Section 20 Fermat's and Euler's Theorems

20.0 Theorem

NOTE

For any field, the nonzero elements form a group under the field multiplication.

For any field $F$, let $F^{\times }=F\setminus \{0\}$. Then:

1. Closure: If $a,b\in F^{\times }$, then $ab\ne 0$ (since $F$ has no zero divisors), so $ab\in F^{\times }$.
2. Associativity: Multiplication in $F$ is associative.
3. Identity: $1\in F^{\times }$ and $1\cdot a=a$ for all $a\in F^{\times }$.
4. Inverses: For each $a\in F^{\times }$, there exists $a^{-1}\in F$ such that $a\cdot a^{-1}=1$. Therefore, $(F^{\times },\cdot )$ is a group.

20.1 Little Theorem of Fermat

NOTE

If $p$ is prime and $\gcd (a,p)=1$, then $a^{p-1}\equiv 1(\mathrm{mod}p).$ Equivalently, for any integer $a$, $a^p\equiv a(\mathrm{mod}p).$

Proof: For a Field ${\mathbb{F}}_p$ , the elements $\{1,2,3,...,p-1\}$ form a group of order p-1 under multiplication modulo p: $(\mathbb{Z}/p\mathbb{Z})\times =\{\bar{a}:1\le a<p,gcd(a,p)=1\}$ Since the order of any element in a group divides the order of the group (see The Theorem of Lagrange), we see the order of every element in this group divides p-1, meaning $a^{p-1}=1$ for all $a\in (\mathbb{Z}/p\mathbb{Z})\times$ ${\mathbb{Z}}_p$ is isomorphic to $\mathbb{Z}/p\mathbb{Z}$ (see 14.2 Example, rings follow the similar principle). We see that for any $a\in \mathbb{Z}$ not in the coset $0+p\mathbb{Z}$, we have $a^{p-1}\equiv 1$ under multiplication modulo p

20.6 Theorem

p.186

The set $G_n$ of nonzero elements of $Z_n$ that are not 0 divisors forms a group under multiplication modulo n.

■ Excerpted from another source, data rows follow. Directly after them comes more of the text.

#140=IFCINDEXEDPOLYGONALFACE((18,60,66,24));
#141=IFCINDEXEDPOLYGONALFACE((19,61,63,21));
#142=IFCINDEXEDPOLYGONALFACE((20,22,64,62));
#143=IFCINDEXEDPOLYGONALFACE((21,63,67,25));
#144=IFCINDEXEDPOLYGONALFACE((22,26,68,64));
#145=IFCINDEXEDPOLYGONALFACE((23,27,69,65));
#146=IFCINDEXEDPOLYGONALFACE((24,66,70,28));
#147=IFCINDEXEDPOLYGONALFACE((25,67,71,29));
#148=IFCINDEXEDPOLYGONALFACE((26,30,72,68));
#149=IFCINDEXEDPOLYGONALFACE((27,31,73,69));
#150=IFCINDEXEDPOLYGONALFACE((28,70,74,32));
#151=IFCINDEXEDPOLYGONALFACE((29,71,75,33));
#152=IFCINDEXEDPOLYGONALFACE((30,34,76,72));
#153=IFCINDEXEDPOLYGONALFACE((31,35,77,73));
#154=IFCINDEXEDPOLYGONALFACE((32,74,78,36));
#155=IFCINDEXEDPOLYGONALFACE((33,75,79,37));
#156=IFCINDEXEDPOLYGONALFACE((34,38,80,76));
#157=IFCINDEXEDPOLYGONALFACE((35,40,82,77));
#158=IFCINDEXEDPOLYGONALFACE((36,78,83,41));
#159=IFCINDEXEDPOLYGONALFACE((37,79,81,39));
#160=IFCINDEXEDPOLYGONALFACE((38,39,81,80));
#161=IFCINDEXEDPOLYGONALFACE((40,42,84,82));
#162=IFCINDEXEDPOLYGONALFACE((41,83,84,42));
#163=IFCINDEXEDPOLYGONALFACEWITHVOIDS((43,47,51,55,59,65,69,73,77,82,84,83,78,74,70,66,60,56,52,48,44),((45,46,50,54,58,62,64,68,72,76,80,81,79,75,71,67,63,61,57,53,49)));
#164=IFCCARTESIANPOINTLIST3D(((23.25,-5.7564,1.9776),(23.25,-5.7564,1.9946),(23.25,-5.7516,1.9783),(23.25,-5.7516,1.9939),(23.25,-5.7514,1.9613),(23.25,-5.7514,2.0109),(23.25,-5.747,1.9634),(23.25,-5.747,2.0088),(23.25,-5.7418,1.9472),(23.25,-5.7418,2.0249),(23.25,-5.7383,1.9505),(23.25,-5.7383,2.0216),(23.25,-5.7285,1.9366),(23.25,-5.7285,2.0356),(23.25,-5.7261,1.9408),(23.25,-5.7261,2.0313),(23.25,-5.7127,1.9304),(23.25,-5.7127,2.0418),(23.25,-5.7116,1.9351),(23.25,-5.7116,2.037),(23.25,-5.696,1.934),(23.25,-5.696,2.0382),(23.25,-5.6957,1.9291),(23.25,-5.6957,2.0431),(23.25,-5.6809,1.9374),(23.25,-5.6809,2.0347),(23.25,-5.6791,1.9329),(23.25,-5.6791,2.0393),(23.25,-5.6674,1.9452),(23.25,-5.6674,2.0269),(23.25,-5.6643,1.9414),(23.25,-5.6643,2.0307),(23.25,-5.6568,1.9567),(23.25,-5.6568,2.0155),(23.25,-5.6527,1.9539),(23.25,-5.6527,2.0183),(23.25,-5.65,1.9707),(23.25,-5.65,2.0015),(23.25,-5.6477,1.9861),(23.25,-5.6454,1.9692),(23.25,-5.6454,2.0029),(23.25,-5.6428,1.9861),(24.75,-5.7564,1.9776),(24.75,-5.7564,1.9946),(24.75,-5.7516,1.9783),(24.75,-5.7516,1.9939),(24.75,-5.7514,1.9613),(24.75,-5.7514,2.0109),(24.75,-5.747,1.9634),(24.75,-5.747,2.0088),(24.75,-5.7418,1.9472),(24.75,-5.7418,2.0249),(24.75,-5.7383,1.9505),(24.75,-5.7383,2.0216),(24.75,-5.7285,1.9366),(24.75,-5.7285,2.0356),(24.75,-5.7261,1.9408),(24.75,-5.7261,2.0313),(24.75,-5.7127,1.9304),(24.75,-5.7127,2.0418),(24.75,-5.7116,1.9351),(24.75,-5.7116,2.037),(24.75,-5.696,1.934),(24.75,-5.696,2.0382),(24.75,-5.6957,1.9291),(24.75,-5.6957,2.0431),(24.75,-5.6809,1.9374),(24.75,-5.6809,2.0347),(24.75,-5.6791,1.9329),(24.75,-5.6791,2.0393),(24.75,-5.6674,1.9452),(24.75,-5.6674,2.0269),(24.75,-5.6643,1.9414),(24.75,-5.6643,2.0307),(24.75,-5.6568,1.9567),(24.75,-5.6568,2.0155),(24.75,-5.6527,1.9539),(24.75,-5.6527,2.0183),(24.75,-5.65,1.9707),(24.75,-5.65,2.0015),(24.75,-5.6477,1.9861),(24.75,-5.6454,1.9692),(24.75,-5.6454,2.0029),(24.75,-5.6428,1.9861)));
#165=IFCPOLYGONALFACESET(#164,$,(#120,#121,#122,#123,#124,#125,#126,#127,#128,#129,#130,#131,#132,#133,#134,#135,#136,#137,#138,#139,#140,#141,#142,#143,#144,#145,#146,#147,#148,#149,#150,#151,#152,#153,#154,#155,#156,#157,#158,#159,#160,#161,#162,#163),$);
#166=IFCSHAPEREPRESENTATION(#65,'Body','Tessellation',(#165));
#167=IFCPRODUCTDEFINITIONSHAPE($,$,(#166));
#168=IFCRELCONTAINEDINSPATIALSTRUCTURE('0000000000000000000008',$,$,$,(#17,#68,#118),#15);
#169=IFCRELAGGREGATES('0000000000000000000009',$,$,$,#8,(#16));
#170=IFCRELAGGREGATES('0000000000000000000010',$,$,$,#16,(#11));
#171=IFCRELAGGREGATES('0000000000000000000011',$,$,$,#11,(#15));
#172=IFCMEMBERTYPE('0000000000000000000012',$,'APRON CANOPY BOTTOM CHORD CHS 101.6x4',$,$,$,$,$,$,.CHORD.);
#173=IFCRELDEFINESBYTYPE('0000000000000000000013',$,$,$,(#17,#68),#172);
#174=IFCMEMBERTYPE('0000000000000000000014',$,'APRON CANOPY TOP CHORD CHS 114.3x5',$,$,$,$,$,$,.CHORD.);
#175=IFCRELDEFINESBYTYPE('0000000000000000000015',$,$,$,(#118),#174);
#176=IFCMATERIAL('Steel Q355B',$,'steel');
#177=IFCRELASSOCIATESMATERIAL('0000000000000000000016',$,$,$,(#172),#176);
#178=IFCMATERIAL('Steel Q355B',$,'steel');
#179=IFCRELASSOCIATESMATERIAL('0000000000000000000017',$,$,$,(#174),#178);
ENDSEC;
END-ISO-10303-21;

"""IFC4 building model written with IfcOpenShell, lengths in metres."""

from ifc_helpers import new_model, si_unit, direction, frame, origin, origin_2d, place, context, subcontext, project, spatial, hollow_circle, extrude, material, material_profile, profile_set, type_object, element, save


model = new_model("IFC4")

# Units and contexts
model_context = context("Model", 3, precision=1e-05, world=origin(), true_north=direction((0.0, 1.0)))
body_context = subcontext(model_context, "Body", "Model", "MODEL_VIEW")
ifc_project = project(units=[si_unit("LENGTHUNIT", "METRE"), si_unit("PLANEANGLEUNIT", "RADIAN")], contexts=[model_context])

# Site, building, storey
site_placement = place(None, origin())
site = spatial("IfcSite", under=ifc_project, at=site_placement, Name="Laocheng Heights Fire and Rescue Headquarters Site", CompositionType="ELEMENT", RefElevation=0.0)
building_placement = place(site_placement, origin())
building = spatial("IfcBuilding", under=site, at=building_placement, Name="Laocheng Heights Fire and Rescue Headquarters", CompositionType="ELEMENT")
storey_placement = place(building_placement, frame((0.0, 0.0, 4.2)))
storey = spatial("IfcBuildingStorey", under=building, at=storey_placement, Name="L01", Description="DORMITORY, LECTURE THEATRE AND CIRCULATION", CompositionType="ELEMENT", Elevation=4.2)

19.3 Theorem The elements that are relative prime to n forms a group under multiplication modulo n.

20.8 Euler’s Theorem

a generalization from Little Theorem of Fermat

define $\varphi (n)$ be the number of positive integers $\le$ n and relatively prime to n $\varphi (12)=4$ (see Euler’s Totient Function)

p.187

If a is an integer relatively prime to n, then $a^{\varphi (n)}-1$ is divisible by n, that is, $a^{\varphi (n)}\equiv 1(modn)$

Use 20.6 Theorem we get a multiplication group of order $\varphi (n)$ and the rest of the proof is similar to the proof of 20.1 Little Theorem of Fermat.

20.10 Theorem

p.187

Let m be a positive integer and let $a\in {\mathbb{Z}}_m$ be relatively prime to m. The equation $ax=b$ has a unique solution in ${\mathbb{Z}}_m$.

By 20.6 Theorem a has a multiplication inverse (a is an unit). We can multiply both sides of the equation on the left by $a^{-1}$ $x=a^{-1}b$, which is the only solution.